Les animaux proviennent d’élevages. La procédure sera réalisée au sein même de l’élevage. Tous les animaux restent vivants à la fin de la procédure et ils resteront dans leur élevage.
Application de la règle des "3R"
1. Remplacement
Ce projet est une étude terrain et il n’existe pas d’alternative in vitro pour répondre à notre problématique. Par ailleurs, il n’est pas envisageable de recourir à un modèle d’infection expérimentale qui nécessiterait l’utilisation d’animaux à des fins scientifiques car l’objectif est bien de coupler les données pharmacocinétiques à l’exposition du microbiote dans un contexte d’élevage.
2. Réduction
Le nombre d’individus est le strict minimum pour réaliser une étude statistique. Le résultat de nos études statistiques d’une étude précédente démontrent que 3 élevages avec 16 animaux par élevage est le minimum pour pouvoir interpréter les résultats, en particulier ceux concernant les modifications du microbiote.
3. Raffinement
Il est indispensable que ce projet soit mené au sein de différents élevages avec plusieurs animaux dans chaque élevage pour des questions de représentativité du microbiote au sein de l’élevage. Le prélèvement de fèces par le rectum peut induire un stress pour le veau. Cependant, cette technique est la seule qui préserve la contamination environnementale de l’échantillon, condition fondamentale pour l’analyse bactériologique. D’autre part, la pose d’un cathéter à la jugulaire est un acte courant lors de la prise en charge médicale des veaux notamment lors de gastro-entérite néonatale. Bien que non réalisé en routine pour la prise en charge des omphalites, cet acte induit une douleur et un stress modéré et de courte durée pendant la pose du cathéter.

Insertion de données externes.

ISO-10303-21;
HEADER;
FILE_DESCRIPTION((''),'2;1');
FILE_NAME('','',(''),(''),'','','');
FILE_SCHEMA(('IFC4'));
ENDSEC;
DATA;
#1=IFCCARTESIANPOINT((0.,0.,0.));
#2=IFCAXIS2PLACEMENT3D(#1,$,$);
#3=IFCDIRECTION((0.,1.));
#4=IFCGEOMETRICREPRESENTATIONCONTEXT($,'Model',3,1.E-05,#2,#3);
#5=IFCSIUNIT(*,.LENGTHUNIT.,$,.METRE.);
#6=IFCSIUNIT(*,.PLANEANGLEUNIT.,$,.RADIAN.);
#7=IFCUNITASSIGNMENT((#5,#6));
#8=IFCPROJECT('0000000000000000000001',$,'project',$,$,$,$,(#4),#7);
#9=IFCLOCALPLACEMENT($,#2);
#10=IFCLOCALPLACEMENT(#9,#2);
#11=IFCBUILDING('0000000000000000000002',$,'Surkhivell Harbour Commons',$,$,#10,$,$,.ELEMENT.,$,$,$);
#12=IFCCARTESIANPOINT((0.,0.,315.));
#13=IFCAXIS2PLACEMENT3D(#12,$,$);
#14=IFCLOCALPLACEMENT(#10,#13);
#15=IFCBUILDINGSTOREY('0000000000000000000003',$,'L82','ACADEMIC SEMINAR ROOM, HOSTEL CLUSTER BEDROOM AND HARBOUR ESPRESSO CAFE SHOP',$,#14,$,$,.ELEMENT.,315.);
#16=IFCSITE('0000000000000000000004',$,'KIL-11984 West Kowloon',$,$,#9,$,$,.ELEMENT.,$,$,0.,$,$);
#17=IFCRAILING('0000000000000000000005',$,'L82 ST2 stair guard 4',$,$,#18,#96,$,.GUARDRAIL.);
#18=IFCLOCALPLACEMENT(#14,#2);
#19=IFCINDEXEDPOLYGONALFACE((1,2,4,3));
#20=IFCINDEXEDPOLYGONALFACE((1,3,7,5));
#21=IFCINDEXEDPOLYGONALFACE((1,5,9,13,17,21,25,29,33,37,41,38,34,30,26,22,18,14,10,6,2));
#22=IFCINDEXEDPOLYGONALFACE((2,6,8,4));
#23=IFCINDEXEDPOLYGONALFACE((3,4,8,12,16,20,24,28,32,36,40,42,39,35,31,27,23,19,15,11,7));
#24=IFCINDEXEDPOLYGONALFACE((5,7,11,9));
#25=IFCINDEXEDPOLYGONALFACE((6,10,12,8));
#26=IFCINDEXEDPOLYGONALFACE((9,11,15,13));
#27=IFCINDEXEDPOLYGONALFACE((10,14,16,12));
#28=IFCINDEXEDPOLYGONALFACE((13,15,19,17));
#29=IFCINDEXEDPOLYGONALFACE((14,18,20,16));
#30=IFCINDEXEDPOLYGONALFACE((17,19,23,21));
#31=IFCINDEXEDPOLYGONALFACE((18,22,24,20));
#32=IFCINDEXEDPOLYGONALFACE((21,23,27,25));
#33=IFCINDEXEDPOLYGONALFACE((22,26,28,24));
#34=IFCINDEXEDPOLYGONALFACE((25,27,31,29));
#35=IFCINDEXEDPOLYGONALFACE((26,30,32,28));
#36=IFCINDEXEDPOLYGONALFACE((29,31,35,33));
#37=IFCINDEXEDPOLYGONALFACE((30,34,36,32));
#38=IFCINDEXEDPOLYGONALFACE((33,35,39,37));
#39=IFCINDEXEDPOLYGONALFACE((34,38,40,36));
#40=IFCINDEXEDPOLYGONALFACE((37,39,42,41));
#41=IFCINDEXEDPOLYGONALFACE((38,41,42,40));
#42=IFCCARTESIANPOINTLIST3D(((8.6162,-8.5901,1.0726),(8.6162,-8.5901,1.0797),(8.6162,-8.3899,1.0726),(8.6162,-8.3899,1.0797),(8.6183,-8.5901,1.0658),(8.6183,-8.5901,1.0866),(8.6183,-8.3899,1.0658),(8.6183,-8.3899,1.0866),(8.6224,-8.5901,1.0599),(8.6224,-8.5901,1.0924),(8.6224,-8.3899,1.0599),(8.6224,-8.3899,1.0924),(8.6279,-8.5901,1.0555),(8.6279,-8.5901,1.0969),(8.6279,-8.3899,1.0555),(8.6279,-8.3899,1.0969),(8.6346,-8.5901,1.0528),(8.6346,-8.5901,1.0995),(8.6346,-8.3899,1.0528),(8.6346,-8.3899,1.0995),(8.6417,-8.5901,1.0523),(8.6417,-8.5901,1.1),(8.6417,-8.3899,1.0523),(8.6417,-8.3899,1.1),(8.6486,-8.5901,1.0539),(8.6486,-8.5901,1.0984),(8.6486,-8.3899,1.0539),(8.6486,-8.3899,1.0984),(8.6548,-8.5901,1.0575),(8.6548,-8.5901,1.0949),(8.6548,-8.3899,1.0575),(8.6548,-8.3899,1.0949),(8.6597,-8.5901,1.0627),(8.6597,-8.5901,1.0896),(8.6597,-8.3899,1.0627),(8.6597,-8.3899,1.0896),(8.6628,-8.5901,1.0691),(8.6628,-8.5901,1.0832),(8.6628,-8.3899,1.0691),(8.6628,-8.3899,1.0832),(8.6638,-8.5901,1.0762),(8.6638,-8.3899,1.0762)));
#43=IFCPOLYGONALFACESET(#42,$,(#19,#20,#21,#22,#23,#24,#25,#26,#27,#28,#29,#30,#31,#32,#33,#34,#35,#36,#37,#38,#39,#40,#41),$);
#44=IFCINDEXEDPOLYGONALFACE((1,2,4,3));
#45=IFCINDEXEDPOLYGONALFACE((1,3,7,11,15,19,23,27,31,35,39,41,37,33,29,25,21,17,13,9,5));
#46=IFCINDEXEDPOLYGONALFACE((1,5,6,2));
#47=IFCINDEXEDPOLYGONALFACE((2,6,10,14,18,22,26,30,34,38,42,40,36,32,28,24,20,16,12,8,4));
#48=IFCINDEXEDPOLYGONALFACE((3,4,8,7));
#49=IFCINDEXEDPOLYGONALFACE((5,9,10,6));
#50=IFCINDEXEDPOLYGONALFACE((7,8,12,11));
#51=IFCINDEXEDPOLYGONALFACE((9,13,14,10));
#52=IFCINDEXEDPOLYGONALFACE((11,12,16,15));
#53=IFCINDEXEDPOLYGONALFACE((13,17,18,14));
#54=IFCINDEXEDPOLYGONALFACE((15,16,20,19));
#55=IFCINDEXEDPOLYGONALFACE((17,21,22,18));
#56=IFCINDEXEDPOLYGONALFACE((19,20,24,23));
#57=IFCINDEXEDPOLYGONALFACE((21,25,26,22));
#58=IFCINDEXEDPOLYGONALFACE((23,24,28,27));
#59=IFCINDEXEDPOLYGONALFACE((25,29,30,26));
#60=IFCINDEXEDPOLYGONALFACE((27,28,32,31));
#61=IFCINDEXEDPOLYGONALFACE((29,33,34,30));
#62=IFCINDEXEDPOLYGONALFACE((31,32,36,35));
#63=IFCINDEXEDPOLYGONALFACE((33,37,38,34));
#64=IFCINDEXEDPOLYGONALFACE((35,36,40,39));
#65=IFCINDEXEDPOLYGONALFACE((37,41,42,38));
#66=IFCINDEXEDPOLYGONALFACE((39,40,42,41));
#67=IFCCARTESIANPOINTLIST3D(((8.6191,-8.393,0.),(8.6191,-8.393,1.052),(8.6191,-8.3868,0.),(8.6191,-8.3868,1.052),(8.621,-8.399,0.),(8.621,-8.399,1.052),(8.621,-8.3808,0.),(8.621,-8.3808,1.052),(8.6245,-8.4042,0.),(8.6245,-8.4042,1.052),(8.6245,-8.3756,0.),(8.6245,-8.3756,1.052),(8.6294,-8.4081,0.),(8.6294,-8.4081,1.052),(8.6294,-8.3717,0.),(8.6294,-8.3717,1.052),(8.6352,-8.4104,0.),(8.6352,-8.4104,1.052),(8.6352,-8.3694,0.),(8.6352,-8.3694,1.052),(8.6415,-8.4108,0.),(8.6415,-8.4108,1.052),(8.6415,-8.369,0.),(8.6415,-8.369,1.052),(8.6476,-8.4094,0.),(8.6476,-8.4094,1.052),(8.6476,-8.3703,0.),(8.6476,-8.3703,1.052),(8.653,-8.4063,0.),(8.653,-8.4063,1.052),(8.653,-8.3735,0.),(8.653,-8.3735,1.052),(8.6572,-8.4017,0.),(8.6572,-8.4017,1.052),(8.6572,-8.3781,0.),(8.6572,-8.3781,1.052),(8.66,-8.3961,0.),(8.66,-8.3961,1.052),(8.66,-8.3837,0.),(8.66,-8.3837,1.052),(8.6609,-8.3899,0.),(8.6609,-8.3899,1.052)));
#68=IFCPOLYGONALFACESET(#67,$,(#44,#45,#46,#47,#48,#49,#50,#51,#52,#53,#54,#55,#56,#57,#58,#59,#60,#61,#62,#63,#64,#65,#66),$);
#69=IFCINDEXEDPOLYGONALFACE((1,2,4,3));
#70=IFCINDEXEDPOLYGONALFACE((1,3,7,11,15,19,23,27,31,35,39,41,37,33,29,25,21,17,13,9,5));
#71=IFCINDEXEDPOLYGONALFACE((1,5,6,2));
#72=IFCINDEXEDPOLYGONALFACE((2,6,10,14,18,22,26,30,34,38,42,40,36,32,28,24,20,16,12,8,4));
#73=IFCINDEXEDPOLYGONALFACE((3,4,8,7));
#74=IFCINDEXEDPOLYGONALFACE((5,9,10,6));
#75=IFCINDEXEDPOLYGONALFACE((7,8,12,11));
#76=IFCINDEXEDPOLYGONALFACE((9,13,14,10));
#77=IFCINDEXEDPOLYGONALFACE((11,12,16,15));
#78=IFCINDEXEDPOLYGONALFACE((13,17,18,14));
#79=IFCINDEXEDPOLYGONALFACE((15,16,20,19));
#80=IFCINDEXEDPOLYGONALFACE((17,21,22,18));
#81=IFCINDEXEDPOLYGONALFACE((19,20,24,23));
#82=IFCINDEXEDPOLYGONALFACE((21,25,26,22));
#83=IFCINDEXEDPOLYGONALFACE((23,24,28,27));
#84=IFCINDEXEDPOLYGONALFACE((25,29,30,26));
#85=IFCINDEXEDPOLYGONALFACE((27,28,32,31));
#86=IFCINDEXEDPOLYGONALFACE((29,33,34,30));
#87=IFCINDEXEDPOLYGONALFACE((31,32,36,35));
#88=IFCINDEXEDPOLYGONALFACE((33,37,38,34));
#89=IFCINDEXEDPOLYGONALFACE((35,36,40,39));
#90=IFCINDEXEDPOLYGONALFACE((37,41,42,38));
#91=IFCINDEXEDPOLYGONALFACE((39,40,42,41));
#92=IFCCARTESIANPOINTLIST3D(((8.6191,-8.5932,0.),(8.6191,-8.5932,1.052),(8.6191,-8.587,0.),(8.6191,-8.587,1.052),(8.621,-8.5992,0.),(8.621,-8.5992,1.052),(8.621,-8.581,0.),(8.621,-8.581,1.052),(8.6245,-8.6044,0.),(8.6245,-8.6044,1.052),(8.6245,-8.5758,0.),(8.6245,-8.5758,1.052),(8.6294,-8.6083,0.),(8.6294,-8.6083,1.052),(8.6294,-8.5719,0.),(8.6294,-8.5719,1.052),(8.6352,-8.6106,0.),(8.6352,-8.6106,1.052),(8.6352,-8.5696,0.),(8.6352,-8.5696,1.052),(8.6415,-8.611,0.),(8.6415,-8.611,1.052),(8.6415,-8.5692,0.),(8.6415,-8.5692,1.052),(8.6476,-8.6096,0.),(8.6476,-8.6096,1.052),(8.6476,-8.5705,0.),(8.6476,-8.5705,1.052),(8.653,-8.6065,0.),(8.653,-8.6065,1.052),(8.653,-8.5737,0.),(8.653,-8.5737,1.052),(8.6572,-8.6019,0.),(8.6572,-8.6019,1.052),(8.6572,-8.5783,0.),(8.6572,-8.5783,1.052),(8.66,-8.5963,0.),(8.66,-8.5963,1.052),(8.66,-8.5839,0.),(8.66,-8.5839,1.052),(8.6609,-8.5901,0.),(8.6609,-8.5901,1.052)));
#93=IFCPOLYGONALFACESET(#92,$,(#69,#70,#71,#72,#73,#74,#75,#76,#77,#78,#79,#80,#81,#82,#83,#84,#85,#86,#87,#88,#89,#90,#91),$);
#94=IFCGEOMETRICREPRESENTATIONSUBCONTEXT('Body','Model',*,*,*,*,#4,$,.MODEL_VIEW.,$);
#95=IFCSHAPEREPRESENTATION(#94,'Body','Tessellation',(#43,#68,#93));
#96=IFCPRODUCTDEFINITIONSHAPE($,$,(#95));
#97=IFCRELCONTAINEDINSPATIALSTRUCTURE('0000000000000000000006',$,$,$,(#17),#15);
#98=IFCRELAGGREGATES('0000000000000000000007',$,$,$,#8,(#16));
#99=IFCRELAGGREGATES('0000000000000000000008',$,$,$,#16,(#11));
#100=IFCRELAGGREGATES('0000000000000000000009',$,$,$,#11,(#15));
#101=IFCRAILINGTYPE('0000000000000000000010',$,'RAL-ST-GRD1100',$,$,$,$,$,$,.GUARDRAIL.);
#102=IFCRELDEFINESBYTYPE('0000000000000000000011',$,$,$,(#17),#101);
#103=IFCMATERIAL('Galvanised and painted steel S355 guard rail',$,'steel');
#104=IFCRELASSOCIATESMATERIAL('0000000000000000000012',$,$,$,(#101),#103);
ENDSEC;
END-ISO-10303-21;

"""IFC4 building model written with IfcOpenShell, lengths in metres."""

from ifc_helpers import new_model, si_unit, direction, frame, origin, origin_2d, place, context, subcontext, project, spatial, circle, extrude, material, type_object, element, save


model = new_model("IFC4")

# Units and contexts
model_context = context("Model", 3, precision=1e-05, world=origin(), true_north=direction((0.0, 1.0)))
body_context = subcontext(model_context, "Body", "Model", "MODEL_VIEW")
ifc_project = project(units=[si_unit("LENGTHUNIT", "METRE"), si_unit("PLANEANGLEUNIT", "RADIAN")], contexts=[model_context])

# Site, building, storey
site_placement = place(None, origin())
site = spatial("IfcSite", under=ifc_project, at=site_placement, Name="KIL-11984 West Kowloon", CompositionType="ELEMENT", RefElevation=0.0)
building_placement = place(site_placement, origin())
building = spatial("IfcBuilding", under=site, at=building_placement, Name="Surkhivell Harbour Commons", CompositionType="ELEMENT")
storey_placement = place(building_placement, frame((0.0, 0.0, 315.0)))
storey = spatial("IfcBuildingStorey", under=building, at=storey_placement, Name="L82", Description="ACADEMIC SEMINAR ROOM, HOSTEL CLUSTER BEDROOM AND HARBOUR ESPRESSO CAFE SHOP", CompositionType="ELEMENT", Elevation=315.0)

# Railing
ifc_material_1 = material(Name="Galvanised and painted steel S355 guard rail", Category="steel")
railing_type_1 = type_object("IfcRailingType", Name="RAL-ST-GRD1100", PredefinedType="GUARDRAIL", material=ifc_material_1)
railing_1_placement = place(storey_placement, frame((8.6399, -8.3899, 0.0)))
element("IfcRailing", 1, at=railing_1_placement, inside=storey, type_object=railing_type_1, Name="L82 ST2 stair guard 4", PredefinedType="GUARDRAIL", context=body_context, shape_type="SweptSolid", body=[
    extrude(circle(Radius=0.0239, at=origin_2d()), frame((0.0, 0.0, 1.0762), z_axis=(0.0, -1.0, 0.0), x_axis=(1.0, 0.0, 0.0)), (0.0, 0.0, 1.0), 0.2002),
    extrude(circle(Radius=0.021, at=origin_2d()), origin(), (0.0, 0.0, 1.0), 1.052),
    extrude(circle(Radius=0.021, at=origin_2d()), frame((0.0, -0.2002, 0.0)), (0.0, 0.0, 1.0), 1.052),
])

save(model, "model.ifc")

Par ailleurs, il sera moins contraignant que de réaliser des prises de sang à intervalle rapproché. Une fois le cathéter mis en place, les prélèvements sanguins sont facilités et beaucoup moins douloureux pour le veau qu’en l’absence de cathéter. Les cathéters ne seront mis en place que pour une durée de 24 h, ce qui limite très fortement les risques de phlébite. Néanmoins, en cas de détection d’une zone indurée ou douloureuse au niveau du site de pose du cathéter, le veau sera exclu de l’étude et pris en charge par le vétérinaire praticien de l’élevage. Les signes physiologiques suivants chez les veaux traités pour omphalite permettront de retirer l’animal de l’essai: – Persistance d’une hyperthermie (température supérieure à 40° entre 24 à 48h après la mise en place du traitement ATB + AINS) – Arrêt de prise alimentaire ou non reprise de l’alimentation dans les 24 à 48h après la mise en place du traitement – Émission de selle avec méléna (selles de couleurs noires) Les signes physiologiques suivants chez les veaux contrôles permettront de retirer l’animal de l’essai: – Émission de selle avec méléna (selles de couleurs noires) – Arrêt de prise alimentaire En cas de retrait de l’animal, alors le vétérinaire pourra modifier le traitement du veau malade et/ou du veau non malade.
Expliquer le choix des espèces et les stades de développement y afférents.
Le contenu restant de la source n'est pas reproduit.